Onizawa Naoya, Hanyu Takahiro
Research Institute of Electrical Communication, Tohoku University, Sendai, 980-8577, Japan.
Sci Rep. 2025 Feb 19;15(1):6118. doi: 10.1038/s41598-025-90520-3.
Probabilistic computing using probabilistic bits (p-bits) presents an efficient alternative to traditional CMOS logic for complex problem-solving, including simulated annealing and machine learning. Realizing p-bits with emerging devices such as magnetic tunnel junctions introduces device variability, which was expected to negatively impact computational performance. However, this study reveals an unexpected finding: device variability can not only degrade but also enhance algorithm performance, particularly by leveraging timing variability. This paper introduces a GPU-accelerated, open-source simulated annealing framework based on p-bits that models key device variability factors-timing, intensity, and offset-to reflect real-world device behavior. Through CUDA-based simulations, our approach achieves a two-order magnitude speedup over CPU implementations on the MAX-CUT benchmark with problem sizes ranging from 800 to 20,000 nodes. By providing a scalable and accessible tool, this framework aims to advance research in probabilistic computing, enabling optimization applications in diverse fields.
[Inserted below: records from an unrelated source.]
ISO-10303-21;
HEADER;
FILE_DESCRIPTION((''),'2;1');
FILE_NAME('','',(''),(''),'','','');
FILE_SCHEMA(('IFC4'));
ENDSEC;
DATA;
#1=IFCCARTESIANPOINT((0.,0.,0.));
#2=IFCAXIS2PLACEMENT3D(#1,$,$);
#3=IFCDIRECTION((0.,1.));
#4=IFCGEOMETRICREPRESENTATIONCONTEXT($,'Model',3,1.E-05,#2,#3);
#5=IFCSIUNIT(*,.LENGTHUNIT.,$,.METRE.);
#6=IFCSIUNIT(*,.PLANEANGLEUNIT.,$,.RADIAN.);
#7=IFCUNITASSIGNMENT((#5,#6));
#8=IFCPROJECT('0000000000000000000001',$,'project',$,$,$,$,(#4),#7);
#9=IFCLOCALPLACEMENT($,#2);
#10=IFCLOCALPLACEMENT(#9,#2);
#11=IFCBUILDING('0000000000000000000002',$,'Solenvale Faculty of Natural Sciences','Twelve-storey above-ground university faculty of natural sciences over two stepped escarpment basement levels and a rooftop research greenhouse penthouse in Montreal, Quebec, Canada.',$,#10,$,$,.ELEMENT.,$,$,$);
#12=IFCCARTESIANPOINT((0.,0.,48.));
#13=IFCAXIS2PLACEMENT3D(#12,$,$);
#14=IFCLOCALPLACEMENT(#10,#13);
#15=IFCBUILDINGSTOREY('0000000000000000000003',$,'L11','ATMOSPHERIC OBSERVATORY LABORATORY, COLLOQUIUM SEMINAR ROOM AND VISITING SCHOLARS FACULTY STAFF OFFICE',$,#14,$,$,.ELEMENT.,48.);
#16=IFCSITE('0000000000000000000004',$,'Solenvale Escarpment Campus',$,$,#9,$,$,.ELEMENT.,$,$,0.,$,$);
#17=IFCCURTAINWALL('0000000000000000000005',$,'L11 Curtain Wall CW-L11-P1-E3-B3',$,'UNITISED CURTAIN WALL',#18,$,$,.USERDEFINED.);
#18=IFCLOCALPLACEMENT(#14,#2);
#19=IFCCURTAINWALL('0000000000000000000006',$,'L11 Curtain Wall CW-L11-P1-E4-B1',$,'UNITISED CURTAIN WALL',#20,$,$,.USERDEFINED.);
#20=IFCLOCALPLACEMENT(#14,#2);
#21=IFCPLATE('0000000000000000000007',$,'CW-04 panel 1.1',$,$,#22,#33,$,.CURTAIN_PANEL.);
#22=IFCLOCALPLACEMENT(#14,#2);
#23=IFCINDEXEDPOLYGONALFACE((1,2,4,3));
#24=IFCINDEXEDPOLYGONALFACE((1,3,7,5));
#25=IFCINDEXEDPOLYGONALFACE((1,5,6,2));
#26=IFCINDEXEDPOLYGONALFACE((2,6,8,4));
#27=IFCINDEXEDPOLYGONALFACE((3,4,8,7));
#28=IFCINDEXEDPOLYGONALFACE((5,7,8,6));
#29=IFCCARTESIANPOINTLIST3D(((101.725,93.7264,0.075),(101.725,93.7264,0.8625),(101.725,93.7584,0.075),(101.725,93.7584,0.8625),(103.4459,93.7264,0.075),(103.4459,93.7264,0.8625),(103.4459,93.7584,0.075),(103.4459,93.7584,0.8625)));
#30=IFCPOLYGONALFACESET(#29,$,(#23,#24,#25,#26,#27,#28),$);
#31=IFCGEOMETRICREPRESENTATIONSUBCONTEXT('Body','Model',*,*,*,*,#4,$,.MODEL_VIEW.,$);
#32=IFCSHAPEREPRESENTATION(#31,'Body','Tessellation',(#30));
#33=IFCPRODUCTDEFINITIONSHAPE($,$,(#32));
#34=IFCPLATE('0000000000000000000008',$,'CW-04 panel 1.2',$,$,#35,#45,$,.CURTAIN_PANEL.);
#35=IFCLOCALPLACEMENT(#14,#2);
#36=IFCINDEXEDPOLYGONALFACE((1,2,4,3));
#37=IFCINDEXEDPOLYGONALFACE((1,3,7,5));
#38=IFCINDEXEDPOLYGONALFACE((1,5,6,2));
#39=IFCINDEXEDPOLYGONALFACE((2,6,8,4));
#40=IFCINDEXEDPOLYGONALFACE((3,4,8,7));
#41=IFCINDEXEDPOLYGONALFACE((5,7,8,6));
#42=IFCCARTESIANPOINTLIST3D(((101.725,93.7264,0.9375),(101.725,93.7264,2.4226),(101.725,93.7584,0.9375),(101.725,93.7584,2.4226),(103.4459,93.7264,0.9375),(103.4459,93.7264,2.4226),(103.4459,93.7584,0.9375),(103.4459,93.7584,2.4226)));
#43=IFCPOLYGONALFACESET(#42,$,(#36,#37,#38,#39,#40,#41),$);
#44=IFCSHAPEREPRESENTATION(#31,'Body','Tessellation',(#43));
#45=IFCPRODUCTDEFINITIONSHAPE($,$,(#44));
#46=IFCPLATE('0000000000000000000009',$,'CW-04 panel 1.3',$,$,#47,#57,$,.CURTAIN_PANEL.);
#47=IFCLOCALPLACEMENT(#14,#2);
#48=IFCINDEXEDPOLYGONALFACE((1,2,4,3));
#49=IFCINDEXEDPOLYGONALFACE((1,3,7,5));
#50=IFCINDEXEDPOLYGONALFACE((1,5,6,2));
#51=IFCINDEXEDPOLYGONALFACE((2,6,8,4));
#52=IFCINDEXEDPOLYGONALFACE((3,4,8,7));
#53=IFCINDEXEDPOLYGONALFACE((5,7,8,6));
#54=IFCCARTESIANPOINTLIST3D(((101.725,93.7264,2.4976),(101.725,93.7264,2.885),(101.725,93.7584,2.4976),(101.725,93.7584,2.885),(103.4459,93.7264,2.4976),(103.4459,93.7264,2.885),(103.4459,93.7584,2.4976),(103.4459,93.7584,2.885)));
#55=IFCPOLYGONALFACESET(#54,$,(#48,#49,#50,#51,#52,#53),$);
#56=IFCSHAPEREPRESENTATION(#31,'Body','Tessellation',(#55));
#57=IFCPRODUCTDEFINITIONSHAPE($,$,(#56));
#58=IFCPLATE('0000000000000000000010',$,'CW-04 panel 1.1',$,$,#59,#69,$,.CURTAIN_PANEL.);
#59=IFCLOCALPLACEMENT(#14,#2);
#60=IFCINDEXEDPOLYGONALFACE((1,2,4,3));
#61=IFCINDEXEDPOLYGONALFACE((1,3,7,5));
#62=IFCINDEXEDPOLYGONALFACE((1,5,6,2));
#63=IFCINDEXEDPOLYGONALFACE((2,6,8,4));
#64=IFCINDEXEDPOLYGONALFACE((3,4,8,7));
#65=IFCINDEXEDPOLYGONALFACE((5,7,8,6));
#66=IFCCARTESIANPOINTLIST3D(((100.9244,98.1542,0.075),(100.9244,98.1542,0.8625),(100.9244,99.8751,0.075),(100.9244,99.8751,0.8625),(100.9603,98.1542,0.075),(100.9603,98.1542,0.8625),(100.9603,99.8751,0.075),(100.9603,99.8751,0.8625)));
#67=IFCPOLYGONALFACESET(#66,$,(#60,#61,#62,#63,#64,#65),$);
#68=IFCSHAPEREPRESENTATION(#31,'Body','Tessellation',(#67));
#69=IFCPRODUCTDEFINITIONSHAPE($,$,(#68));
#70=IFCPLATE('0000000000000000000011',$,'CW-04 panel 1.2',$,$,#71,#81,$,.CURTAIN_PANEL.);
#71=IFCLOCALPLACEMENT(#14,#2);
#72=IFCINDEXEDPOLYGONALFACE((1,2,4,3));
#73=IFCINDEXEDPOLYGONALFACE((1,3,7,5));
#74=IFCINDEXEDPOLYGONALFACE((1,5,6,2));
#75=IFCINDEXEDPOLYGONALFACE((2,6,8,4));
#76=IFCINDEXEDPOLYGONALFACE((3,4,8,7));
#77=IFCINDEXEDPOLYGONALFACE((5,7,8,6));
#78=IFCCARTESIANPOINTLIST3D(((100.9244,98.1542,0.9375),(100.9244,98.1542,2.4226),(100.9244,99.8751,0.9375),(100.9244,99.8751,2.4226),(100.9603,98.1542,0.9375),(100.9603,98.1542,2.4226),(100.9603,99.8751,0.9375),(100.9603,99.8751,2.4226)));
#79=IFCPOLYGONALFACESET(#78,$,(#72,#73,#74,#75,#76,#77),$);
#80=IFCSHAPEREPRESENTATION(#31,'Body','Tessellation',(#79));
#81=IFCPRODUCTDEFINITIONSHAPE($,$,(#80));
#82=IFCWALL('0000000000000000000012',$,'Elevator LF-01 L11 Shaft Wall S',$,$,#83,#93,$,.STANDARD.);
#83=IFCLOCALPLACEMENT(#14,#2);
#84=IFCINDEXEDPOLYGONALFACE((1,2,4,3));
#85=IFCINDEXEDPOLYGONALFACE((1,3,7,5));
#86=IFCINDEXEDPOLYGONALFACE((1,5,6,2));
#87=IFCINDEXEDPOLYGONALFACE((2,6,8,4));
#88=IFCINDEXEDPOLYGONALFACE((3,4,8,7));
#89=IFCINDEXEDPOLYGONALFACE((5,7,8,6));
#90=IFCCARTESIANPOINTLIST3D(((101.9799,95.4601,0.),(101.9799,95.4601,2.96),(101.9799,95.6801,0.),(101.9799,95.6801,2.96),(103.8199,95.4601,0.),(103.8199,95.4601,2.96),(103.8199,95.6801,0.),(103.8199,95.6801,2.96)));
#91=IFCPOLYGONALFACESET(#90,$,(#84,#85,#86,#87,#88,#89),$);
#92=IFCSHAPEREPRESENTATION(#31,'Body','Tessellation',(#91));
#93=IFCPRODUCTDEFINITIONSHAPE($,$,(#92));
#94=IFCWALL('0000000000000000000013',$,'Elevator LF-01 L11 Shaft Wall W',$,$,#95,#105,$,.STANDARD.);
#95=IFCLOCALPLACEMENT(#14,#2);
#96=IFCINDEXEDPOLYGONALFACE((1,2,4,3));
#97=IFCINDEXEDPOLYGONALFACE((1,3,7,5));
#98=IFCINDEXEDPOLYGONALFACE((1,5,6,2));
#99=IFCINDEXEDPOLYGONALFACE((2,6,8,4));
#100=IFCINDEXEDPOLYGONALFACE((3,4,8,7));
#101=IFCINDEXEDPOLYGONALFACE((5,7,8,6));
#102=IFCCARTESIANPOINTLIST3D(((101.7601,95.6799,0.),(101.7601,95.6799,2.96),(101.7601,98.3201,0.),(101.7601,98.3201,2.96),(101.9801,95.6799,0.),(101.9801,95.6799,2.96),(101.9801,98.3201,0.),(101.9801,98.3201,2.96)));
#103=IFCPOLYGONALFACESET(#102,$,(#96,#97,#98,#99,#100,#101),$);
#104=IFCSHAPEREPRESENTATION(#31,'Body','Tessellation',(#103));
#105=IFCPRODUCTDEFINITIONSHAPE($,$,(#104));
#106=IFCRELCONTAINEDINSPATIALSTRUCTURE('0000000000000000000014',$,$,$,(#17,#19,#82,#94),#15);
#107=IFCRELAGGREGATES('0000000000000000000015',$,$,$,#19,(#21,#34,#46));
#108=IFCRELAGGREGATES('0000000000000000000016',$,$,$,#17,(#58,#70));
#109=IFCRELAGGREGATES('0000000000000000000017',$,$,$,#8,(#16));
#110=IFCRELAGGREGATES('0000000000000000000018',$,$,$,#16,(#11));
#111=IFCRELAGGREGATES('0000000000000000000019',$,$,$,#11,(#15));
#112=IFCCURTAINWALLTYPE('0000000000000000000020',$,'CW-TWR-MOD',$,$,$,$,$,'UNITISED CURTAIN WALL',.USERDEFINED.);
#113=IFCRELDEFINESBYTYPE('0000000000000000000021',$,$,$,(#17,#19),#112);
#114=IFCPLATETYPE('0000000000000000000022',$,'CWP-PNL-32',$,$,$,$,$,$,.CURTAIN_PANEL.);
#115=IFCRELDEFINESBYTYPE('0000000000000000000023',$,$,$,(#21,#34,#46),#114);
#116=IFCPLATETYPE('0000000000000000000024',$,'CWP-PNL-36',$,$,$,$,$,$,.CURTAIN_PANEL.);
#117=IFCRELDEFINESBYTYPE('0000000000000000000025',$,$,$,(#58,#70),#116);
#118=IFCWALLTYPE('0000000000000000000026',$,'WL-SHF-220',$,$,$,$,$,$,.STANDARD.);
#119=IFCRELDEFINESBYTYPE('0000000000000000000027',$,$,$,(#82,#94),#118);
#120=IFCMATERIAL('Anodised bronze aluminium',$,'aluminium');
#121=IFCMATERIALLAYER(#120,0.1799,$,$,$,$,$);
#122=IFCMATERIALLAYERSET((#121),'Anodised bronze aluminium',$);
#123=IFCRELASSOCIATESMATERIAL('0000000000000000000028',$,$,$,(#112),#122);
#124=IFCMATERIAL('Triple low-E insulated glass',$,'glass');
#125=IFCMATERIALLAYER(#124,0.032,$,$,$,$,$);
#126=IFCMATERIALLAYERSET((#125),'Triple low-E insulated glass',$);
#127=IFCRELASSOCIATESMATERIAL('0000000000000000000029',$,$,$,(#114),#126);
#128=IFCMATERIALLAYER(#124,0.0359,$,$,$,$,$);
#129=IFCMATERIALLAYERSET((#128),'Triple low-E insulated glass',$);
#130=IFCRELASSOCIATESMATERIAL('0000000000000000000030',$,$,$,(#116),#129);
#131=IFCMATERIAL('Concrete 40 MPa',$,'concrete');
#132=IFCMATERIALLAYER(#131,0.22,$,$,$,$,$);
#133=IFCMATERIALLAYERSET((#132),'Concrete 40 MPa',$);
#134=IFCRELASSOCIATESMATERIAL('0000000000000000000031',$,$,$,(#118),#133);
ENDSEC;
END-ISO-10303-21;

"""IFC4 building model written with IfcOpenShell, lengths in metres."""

from ifc_helpers import new_model, si_unit, direction, frame, frame_2d, origin, origin_2d, place, context, subcontext, project, spatial, rectangle, extrude, material, layer, layer_set, type_object, element, aggregate, save


model = new_model("IFC4")

# Units and contexts
model_context = context("Model", 3, precision=1e-05, world=origin(), true_north=direction((0.0, 1.0)))
body_context = subcontext(model_context, "Body", "Model", "MODEL_VIEW")
ifc_project = project(units=[si_unit("LENGTHUNIT", "METRE"), si_unit("PLANEANGLEUNIT", "RADIAN")], contexts=[model_context])

# Site, building, storey
site_placement = place(None, origin())
site = spatial("IfcSite", under=ifc_project, at=site_placement, Name="Solenvale Escarpment Campus", CompositionType="ELEMENT", RefElevation=0.0)
building_placement = place(site_placement, origin())
building = spatial("IfcBuilding", under=site, at=building_placement, Name="Solenvale Faculty of Natural Sciences", Description="Twelve-storey above-ground university faculty of natural sciences over two stepped escarpment basement levels and a rooftop research greenhouse penthouse in Montreal, Quebec, Canada.", CompositionType="ELEMENT")
storey_placement = place(building_placement, frame((0.0, 0.0, 48.0)))
storey = spatial("IfcBuildingStorey", under=building, at=storey_placement, Name="L11", Description="ATMOSPHERIC OBSERVATORY LABORATORY, COLLOQUIUM SEMINAR ROOM AND VISITING SCHOLARS FACULTY STAFF OFFICE", CompositionType="ELEMENT", Elevation=48.0)

# Shared definitions
ifc_material_1 = material(Name="Concrete 40 MPa", Category="concrete")

# Curtain wall
ifc_material_2 = material(Name="Anodised bronze aluminium", Category="aluminium")
ifc_layer_1 = layer(ifc_material_2, 0.1799)
ifc_layer_set_1 = layer_set([ifc_layer_1], Name="Anodised bronze aluminium")
curtain_wall_type = type_object("IfcCurtainWallType", Name="CW-TWR-MOD", ElementType="UNITISED CURTAIN WALL", PredefinedType="USERDEFINED", material=ifc_layer_set_1)
curtain_wall_1_placement = place(storey_placement, origin())
curtain_wall_1 = element("IfcCurtainWall", 1, at=curtain_wall_1_placement, inside=storey, type_object=curtain_wall_type, Name="L11 Curtain Wall CW-L11-P1-E3-B3", ObjectType="UNITISED CURTAIN WALL", PredefinedType="USERDEFINED")

# Curtain wall
curtain_wall_2_placement = place(storey_placement, origin())
curtain_wall_2 = element("IfcCurtainWall", 2, at=curtain_wall_2_placement, inside=storey, type_object=curtain_wall_type, Name="L11 Curtain Wall CW-L11-P1-E4-B1", ObjectType="UNITISED CURTAIN WALL", PredefinedType="USERDEFINED")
使用概率比特(p比特)的概率计算为解决复杂问题(包括模拟退火和机器学习)提供了一种高效的替代传统CMOS逻辑的方法。利用诸如磁性隧道结等新兴器件实现p比特会引入器件变异性,这原本预计会对计算性能产生负面影响。然而,这项研究揭示了一个意想不到的发现:器件变异性不仅会降低算法性能,还可能增强算法性能,特别是通过利用时序变异性。本文介绍了一种基于p比特的GPU加速开源模拟退火框架,该框架对关键器件变异性因素——时序、强度和偏移进行建模,以反映实际器件行为。通过基于CUDA的模拟,我们的方法在MAX-CUT基准测试中,对于节点数从800到20000的问题规模,比CPU实现方式实现了两个数量级的加速。通过提供一个可扩展且易于使用的工具,该框架旨在推动概率计算研究,实现不同领域的优化应用。